Dan pada 184 pegawai lainnya, terdiri dari, telah vonis pengadilan 13 pegawai, audit investigasi atau klarifikasi 41 pegawai, clearance untuk promosi atau mutasi 12 pegawai, pensiun atau mengundurkan diri 13 pegawai, belum ada indikasi pelanggaran namun digunakan sebagai data profil 79 pegawai dan pegawai yang disebut dalam data PPATK (data double) 26 pegawai.
“Yang sudah diselesaikan bersama APH 9 surat atau kasus,” ujarnya.

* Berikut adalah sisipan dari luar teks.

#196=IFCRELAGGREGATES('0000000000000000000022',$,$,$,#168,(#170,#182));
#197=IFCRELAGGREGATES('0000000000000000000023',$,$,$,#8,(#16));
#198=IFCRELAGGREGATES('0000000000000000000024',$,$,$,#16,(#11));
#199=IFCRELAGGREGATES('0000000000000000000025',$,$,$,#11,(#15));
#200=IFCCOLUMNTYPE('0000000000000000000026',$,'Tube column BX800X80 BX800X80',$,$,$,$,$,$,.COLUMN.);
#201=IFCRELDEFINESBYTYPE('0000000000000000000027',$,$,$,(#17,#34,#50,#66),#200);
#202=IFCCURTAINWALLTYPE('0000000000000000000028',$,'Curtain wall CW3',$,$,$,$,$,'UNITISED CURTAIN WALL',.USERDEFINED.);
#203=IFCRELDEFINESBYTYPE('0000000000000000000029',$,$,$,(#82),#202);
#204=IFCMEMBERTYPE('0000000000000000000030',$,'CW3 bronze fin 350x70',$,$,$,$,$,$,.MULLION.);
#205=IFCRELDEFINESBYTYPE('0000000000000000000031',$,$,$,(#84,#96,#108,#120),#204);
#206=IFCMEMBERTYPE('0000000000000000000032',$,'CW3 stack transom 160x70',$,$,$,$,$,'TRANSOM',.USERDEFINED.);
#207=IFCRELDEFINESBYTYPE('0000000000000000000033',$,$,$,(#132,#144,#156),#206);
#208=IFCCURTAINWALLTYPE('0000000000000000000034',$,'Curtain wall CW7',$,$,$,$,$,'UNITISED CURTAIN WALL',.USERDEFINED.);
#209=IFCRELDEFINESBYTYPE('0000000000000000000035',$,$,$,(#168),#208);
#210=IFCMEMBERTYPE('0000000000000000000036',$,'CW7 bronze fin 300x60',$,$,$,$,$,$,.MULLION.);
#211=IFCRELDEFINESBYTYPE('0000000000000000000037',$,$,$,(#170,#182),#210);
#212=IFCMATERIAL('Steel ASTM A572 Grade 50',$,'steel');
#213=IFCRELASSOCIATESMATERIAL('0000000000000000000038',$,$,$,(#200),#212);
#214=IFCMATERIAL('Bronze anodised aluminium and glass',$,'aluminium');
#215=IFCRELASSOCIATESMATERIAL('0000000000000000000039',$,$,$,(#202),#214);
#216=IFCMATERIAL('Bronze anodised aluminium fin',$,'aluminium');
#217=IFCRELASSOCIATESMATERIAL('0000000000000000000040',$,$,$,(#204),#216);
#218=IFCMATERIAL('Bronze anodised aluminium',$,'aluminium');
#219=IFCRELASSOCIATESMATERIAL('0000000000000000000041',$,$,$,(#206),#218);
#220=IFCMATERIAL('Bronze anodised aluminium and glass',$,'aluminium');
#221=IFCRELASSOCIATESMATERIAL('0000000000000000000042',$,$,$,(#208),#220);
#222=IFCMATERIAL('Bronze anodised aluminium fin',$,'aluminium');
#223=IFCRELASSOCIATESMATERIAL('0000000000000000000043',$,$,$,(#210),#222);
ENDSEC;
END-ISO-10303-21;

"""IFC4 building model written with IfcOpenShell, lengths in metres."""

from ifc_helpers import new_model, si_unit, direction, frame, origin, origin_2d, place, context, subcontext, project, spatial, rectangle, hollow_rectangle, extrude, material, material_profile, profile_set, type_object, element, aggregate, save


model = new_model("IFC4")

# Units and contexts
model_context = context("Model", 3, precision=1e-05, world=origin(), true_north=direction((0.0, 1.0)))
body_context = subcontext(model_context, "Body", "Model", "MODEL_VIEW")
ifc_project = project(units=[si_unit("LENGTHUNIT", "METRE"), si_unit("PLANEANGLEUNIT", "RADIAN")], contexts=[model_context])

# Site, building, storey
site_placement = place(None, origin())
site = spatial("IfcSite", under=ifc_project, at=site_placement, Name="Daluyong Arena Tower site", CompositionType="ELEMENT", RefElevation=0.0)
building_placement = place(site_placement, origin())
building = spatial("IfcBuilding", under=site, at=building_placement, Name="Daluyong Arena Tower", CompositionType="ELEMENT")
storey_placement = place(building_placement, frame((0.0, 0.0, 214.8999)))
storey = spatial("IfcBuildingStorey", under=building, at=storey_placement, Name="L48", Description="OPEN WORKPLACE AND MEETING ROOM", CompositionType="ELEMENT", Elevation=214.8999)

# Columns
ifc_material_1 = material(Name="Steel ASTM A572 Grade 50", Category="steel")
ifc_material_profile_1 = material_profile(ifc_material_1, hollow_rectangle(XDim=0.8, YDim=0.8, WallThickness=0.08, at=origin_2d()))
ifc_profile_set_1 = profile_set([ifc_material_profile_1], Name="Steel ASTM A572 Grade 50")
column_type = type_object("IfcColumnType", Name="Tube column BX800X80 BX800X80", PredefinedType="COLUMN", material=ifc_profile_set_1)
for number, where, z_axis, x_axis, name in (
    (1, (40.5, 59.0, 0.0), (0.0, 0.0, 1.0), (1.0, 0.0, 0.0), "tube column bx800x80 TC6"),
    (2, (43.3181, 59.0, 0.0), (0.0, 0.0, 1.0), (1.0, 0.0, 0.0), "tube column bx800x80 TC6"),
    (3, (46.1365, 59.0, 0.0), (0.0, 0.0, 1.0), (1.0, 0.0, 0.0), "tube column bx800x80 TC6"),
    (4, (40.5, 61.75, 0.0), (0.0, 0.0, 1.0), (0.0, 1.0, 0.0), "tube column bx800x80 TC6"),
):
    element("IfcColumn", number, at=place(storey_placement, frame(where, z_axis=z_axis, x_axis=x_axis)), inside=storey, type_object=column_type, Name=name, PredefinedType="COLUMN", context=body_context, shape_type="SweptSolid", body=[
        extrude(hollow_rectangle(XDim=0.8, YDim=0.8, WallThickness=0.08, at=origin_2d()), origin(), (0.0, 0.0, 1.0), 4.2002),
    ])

Sementara untuk transaksi Rp18,7 triliun, Sri Mulyani menyebutkan bahwa transkasi tersebut tidak berhubungan dengan pegawai Kementerian Keuangan.
“Sebut saja PT A dengan transaksi senilai Rp11,38 triliun, yang merupakan grup dari tiga perusahaan, tidak ditemukan adanya aliran dana ke pegawai Kemenkeu dan keluarga. PT B senilai Rp2,7 triliun selama periode 2015 – 2017, dimana terlihat bahwa rekening tersebut aktif digunakan sebagai rekening operasional perusahaan. PT C senilai Rp1,88 triliun periode 2010 hingga 2015, dengan pola transaksi pass by dimana dana masuk yang berasal dari sejumlah perusahaan dan transaksi tunai keluar melalui pemindahbukuan. Pribadi, D&E senilai Rp2,2 triliun atas WP Sdr. D tidak dapat ditindaklanjuti karena telah meninggal dunia dan atas WP sdr. E telah diselesaikan dan diterbitkan SKP tahun 2021. PT F senilai Rp452 miliar meliputi 3 perusahaan dan 14 rekening periode 2017 hingga 2019, teridentifikasi digunakan sebagai rekening untuk kegiatan operasional dan untuk menerima dana dari transaksi setoran tunai tanpa underlying,” ujarnya memaparkan.
“Kelima data PT tersebut merupakan permintaan dari Irjen Kementerian Keuangan dan dua pribadi adalah inisiatif PPATK, semuanya telah ditindaklanjuti,” tandasnya.